Human Is the New Luxury

I’ve long written about #HumanIsTheNewLuxury in an AI mediated world - well real estate is a component, and compliment, to this idea. Last year I wrote a long piece about ‘​Real Estate as Maven​’ which talked about how:

‘We have a need for environments that not only help us foster distinct ideas but also actively cultivate our human cognitive abilities. We need to evolve our environments, our education and our working practices to complement AI, not become slaves to it.’

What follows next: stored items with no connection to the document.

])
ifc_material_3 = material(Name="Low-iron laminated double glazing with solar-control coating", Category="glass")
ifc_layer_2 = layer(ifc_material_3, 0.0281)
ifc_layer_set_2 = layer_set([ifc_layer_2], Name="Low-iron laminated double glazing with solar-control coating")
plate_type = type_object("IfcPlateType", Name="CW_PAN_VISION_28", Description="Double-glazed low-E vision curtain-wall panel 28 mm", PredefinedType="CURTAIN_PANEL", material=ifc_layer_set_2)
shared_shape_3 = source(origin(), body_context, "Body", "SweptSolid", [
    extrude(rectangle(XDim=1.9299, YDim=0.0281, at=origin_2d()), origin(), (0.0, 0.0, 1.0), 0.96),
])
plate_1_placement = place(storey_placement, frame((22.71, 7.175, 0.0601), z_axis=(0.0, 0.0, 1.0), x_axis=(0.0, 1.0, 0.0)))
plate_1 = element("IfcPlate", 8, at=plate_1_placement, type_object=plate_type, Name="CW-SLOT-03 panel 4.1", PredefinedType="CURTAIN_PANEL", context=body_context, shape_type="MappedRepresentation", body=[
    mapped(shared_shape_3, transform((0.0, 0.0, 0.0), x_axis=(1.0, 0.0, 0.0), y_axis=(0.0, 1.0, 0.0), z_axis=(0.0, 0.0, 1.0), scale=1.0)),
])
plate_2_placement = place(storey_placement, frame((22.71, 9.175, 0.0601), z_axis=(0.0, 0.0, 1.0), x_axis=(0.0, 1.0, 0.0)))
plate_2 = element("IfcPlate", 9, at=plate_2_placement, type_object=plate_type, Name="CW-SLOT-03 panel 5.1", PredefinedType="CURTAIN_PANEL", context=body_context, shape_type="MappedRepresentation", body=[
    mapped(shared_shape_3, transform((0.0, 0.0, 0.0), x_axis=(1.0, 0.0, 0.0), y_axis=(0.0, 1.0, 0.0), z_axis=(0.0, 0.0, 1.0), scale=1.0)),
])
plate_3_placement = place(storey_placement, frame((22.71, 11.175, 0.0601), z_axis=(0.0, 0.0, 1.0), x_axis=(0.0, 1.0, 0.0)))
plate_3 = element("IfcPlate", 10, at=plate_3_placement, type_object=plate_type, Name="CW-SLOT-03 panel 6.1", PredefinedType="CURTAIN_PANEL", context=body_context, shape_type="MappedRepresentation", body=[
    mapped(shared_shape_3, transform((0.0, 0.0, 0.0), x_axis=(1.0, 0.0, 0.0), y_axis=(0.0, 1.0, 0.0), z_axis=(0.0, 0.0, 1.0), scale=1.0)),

Listening to Zuckerberg last week just strengthens my belief that the physical world is going to become more important, and more valuable, to us as individuals and together as societies, as the potential of AI gets corrupted into a plaything of control and manipulation.

This might seem counter to my incessant evangelising about AI, but it is not. I am a true believer that AI could enable an extraordinary era of abundance and capabilities, that would raise the standard of living for everybody. But I also believe that this will require the triumph of a certain mindset, which is not shared by many of those in control of AI as a technology, exemplified by Mark Zuckerberg.

The Takeaway

To be honest though, real estate stands to benefit either way. It’s widely understood that we need to build and operate more human-centric spaces and places - the onset of ‘virtual AI friends’ would only double down on this.

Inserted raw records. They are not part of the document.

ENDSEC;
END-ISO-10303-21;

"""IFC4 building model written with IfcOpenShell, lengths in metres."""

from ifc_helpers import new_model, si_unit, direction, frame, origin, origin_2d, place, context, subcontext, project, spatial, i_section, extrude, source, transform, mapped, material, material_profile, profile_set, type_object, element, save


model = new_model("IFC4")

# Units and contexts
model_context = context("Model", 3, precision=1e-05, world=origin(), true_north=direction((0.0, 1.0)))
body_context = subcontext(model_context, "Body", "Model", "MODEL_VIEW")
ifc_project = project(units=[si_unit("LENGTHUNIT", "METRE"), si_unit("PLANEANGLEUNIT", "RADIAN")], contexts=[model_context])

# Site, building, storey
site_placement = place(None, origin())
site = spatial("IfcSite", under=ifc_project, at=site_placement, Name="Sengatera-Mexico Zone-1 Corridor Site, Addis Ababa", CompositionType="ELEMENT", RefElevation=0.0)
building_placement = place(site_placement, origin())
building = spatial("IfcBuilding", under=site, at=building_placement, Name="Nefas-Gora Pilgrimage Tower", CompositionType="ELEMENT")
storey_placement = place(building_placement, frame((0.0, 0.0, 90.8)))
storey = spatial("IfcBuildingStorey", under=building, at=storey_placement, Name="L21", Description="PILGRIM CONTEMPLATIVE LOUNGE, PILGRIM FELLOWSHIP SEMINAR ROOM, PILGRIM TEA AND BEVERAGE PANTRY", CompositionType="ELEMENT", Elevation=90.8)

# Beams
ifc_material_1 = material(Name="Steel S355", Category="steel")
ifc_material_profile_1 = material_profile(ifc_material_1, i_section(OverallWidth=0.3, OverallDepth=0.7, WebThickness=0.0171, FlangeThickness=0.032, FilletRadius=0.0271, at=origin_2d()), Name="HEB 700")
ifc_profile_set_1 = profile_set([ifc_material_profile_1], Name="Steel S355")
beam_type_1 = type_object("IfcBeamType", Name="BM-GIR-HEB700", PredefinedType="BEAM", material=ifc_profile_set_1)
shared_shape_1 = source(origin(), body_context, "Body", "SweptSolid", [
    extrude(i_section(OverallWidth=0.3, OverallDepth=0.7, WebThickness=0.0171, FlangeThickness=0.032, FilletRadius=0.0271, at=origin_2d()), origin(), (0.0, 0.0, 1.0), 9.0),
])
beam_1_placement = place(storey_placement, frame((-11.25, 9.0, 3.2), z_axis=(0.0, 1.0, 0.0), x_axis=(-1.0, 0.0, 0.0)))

We might evolve beyond needing traditional offices for every type of work, but our fundamental human need for authentic connection, for shared physical space, will only grow more critical in an increasingly virtual world.

And the same will apply to where we live. We’ll need more community-focused developments, with shared amenities that encourage interaction. So called ‘third places’.

And our public spaces - designed for walkability, chance encounters, and civic engagement.

If Meta wants to manufacture twelve synthetic friends, the built environment can double down on being the thirteenth — the irreplaceable, corporeal friend that algorithms can’t mimic. That is a trillion‑dollar hashtag worth owning.

Over to you

Share your examples of spaces that successfully foster genuine human connection despite digital distractions. Tag them #WhereRealPeopleMeet on LinkedIn to build our collective understanding of what works.

* It is true that AI could well be used effectively and positively to provide help and companionship to us humans. The Japanese, an aged society, already embed such software into small domestic robots. And we will surely see more of this. The difference is the intent of the developers. Because this determines the guardrails built into these systems. How they behave, respond, act. What their core mission is. If these systems are entrusted to the same people who gave us the downsides of social media, and have slowly ‘enshitiffied’ it (see Cory Doctorow about this) then I do not predict a good outcome. The technology is essentially neutral - who programmes it is everything. What are their incentives? Show me those and I’ll show you the outcome. As Charlie Munger once said.